Chi è “L’Uomo Virus” e come potrebbe agire per il benessere e il cambiamento dell’umanità?

Conseguentemente a ciò che è stato detto sino ad ora credo che la figura dell’uomo “virus” emerga sempre più chiara: è ogni individuo che vive cercando di conoscersi, di comprendere la vita e le persone che lo circondano per trovare e condividere vera gioia e libertà. È colui che nel compiere questo viaggio di scoperta e liberazione sente il bisogno di indicare a tutti coloro che incontra lungo la sua strada ogni trappola che ha visto o subito, ogni sentiero segreto che ha sperimentato, ogni bellezza che ha esperito.

 

Ci sono opere affini a Il virus benefico che vuole consigliare a chi desidera approfondire le tematiche trattate nel suo saggio?

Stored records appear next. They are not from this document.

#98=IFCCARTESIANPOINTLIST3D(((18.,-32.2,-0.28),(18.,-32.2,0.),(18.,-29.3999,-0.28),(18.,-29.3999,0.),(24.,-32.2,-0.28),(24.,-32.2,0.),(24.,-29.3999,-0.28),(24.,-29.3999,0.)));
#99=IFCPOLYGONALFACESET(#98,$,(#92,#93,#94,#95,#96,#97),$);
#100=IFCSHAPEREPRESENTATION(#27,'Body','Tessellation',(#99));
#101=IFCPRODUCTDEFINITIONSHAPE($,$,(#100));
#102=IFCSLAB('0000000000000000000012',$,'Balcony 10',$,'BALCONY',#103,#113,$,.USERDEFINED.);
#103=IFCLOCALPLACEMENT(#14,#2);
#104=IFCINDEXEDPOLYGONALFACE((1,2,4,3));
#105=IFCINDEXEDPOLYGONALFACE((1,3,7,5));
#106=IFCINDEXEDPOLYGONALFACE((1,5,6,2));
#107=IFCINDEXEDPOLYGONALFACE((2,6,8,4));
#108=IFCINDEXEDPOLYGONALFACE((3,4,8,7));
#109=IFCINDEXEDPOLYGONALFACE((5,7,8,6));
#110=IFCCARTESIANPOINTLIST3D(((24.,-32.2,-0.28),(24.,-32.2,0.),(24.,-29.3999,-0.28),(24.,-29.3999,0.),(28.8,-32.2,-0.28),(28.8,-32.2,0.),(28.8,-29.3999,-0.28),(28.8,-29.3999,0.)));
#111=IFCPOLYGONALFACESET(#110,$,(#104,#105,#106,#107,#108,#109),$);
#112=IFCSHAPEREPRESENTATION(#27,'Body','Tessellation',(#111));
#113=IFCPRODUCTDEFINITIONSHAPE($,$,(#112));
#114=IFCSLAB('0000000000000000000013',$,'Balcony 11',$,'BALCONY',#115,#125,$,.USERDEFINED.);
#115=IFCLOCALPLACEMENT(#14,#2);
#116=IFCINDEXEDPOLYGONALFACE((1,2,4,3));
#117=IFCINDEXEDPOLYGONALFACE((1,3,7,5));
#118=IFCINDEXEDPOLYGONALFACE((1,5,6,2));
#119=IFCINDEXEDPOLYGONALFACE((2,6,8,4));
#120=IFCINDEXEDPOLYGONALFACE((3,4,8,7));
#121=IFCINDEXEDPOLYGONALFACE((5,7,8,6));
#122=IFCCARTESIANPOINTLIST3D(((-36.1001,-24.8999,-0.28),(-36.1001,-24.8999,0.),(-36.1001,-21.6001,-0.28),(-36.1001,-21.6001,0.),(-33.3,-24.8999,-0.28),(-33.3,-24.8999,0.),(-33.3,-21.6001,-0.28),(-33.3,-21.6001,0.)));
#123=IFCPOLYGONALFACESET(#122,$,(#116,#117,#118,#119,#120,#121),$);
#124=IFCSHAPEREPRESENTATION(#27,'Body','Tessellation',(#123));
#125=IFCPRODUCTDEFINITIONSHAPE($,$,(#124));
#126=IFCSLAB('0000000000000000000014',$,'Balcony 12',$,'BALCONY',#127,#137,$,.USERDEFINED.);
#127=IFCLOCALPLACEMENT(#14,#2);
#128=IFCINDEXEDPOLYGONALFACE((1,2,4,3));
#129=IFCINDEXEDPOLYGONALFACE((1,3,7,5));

Assolutamente sì! Ve ne sarebbero veramente tante di bellissime, molte volte apparentemente diverse ma nell’essenza identiche. Le prime tre che mi vengono in mente e che trovo in perfetta sintonia con il mio lavoro (non so se direbbero la stessa cosa i loro autori) sono “La prima ed ultima libertà”, di Jiddu Krishnamurti; “Il potere di adesso”, di Eckhart Tolle; e infine “Messaggio per un’aquila che si crede un pollo”, di Anthony De Mello.

 

Il virus benefico è una lettura intensa che fa riflettere a ogni singola pagina, che ci fa sentire piccoli e insieme potenzialmente immensi, e che apre tante finestre su possibilità mai considerate, eppure così semplici e naturali se ci si pensa con attenzione. Quanta ricerca e lavoro su sé stessi c’è dietro un’opera come Il virus benefico?

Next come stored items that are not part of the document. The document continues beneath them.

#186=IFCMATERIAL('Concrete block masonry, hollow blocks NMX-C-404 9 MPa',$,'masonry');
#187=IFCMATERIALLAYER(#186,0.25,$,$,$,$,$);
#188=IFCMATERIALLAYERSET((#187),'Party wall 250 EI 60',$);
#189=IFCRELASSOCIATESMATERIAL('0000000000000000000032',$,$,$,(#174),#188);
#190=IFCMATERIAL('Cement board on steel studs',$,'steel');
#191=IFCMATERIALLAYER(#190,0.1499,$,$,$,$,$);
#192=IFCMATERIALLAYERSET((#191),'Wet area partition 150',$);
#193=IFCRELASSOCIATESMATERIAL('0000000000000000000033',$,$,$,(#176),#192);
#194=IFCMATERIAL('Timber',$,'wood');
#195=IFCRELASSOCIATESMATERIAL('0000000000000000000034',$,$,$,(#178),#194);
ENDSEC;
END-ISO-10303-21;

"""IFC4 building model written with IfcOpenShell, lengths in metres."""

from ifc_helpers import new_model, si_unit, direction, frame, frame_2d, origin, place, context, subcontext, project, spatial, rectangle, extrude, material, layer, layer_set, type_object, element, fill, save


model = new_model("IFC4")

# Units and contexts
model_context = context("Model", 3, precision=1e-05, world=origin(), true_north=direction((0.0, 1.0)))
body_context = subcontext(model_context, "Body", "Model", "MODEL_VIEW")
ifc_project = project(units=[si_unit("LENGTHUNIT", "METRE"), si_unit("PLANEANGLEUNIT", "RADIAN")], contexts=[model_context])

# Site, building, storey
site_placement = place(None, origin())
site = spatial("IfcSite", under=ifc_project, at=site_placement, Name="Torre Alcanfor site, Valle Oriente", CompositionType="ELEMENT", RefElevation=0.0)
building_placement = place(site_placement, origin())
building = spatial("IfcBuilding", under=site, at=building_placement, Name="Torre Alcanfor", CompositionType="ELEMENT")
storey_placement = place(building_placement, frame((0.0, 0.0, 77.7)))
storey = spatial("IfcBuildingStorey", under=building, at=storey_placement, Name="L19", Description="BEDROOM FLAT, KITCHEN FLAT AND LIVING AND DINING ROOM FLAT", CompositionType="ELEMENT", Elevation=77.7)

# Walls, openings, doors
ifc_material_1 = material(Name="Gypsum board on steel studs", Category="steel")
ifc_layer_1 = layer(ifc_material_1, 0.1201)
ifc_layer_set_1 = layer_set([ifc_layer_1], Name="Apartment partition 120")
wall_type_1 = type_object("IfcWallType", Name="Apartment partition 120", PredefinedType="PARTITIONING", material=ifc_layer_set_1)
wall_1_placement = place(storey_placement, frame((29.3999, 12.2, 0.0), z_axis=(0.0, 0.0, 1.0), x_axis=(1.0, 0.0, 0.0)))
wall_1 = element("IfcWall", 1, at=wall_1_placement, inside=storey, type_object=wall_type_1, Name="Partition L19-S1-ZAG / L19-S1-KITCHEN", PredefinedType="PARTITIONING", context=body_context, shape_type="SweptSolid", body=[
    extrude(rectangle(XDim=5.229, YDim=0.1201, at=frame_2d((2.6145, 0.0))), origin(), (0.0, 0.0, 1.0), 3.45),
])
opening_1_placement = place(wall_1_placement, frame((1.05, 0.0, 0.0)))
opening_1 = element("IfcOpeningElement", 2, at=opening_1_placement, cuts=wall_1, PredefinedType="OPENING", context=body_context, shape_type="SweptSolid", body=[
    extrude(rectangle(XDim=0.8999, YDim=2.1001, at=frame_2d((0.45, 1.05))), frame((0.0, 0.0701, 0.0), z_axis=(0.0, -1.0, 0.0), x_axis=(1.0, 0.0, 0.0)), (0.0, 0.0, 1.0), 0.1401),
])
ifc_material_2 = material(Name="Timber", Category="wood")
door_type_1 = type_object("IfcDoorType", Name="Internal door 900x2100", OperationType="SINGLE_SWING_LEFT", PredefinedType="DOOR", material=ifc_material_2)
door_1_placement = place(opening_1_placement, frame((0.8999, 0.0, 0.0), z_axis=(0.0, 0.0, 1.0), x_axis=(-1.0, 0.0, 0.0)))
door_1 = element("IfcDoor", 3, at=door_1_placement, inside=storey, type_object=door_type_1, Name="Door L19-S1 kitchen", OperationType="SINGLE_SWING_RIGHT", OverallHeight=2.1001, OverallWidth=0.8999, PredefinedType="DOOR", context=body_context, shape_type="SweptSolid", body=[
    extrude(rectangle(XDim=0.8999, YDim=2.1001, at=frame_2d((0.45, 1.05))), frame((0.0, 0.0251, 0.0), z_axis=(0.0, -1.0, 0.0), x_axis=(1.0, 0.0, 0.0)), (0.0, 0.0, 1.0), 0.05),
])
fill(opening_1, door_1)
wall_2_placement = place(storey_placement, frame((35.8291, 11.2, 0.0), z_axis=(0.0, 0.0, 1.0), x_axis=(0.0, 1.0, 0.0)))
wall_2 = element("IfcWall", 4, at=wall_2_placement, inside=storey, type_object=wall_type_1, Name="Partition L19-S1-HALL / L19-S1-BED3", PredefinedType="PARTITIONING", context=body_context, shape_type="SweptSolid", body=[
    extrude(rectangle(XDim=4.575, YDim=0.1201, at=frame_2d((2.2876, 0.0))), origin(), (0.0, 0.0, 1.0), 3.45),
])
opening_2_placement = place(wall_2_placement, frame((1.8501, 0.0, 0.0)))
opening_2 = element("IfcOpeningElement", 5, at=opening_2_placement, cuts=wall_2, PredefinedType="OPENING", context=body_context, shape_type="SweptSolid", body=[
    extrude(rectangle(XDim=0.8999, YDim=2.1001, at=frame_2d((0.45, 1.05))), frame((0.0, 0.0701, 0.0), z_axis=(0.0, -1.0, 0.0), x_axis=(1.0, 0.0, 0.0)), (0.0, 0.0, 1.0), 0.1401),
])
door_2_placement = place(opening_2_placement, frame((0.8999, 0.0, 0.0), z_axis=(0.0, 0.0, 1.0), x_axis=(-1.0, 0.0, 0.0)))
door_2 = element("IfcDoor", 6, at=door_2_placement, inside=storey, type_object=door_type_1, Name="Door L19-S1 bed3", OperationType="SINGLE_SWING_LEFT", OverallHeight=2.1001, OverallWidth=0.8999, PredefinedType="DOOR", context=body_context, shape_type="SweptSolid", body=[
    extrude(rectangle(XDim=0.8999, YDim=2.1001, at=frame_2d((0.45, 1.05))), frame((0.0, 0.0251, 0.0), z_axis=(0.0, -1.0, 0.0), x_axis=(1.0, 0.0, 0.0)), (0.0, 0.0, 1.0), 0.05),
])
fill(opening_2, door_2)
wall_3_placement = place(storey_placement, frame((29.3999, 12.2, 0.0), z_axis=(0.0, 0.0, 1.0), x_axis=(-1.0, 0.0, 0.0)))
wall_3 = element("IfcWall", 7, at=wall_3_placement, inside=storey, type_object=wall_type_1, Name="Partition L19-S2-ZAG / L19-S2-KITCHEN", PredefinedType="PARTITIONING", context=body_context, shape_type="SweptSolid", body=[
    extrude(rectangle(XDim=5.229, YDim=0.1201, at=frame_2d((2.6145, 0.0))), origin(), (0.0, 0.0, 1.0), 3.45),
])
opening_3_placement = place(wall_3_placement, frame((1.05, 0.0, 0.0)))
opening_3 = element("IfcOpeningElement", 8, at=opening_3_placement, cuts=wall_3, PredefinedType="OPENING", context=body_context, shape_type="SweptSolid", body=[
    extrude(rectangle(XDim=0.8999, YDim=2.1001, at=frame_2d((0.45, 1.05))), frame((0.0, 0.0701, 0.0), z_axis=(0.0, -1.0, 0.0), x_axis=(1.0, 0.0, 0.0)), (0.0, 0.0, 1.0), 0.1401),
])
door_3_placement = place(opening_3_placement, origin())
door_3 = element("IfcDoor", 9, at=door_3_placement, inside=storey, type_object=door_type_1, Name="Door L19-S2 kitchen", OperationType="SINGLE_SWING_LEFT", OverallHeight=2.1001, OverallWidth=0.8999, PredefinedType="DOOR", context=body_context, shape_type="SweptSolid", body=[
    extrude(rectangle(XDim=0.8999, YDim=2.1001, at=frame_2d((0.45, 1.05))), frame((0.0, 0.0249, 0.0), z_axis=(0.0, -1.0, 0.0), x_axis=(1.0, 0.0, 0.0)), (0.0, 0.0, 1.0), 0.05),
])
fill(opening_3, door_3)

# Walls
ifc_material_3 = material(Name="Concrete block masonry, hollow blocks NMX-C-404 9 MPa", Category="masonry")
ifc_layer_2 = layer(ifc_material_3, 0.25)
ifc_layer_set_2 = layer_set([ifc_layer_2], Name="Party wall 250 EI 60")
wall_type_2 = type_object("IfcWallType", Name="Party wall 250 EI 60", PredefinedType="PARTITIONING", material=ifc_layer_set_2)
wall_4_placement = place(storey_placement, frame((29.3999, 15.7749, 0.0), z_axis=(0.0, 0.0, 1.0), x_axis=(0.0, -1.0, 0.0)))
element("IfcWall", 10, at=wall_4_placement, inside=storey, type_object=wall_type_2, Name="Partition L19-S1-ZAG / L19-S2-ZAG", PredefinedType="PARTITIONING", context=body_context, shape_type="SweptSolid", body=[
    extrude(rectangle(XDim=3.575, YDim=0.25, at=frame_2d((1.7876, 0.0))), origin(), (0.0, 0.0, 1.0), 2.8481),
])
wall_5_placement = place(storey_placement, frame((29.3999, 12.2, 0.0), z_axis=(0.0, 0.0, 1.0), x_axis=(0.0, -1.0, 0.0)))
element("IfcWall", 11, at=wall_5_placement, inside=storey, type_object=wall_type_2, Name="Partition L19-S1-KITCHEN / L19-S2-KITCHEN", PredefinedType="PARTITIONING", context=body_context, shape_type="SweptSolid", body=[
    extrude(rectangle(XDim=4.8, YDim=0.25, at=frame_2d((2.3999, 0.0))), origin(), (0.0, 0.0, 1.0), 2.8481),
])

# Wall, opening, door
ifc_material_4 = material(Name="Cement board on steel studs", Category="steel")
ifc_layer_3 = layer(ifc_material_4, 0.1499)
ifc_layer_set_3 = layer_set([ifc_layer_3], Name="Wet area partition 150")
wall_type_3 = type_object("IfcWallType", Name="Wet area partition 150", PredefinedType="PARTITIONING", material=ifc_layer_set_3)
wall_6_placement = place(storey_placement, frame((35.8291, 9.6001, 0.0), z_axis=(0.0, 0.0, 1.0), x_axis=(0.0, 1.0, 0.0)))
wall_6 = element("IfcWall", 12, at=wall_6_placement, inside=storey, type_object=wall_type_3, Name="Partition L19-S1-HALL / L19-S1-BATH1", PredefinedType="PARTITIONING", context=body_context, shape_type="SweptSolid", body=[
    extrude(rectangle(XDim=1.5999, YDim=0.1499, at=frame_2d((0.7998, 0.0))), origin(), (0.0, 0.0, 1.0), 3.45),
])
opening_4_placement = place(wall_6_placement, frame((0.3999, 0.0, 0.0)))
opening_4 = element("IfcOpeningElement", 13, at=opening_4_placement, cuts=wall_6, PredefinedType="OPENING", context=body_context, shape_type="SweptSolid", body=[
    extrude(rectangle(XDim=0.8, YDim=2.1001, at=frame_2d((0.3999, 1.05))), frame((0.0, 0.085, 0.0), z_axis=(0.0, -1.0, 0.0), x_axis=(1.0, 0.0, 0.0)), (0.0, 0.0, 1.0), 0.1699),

Più che una questione di tempo e studio è un risultato di intensità e coraggio, di voglia di scoprire e vedere. Come dicevo poc’anzi dobbiamo trovare il coraggio di partire e abbandonare le rassicuranti quanto limitanti mura delle nostre fortificazioni interiori, altrimenti non cambierà mai nulla, non riconosceremo e coglieremo le tante “pietre miliari” che ripetutamente la vita ci dona. Avremo forse vite lunghe, sempre più lunghe, ma che valore ha il tempo se non v’è gioia e significato? Spero infatti che leggendo questo testo si percepisca e venga trasmessa soprattutto un’intensità, un coraggio e un potente desiderio di compiere un viaggio sino al cuore della vita, più che il tempo e la fatica di un lavoro personale o di una narrazione storica, sociologica, filosofica o come la si voglia etichettare.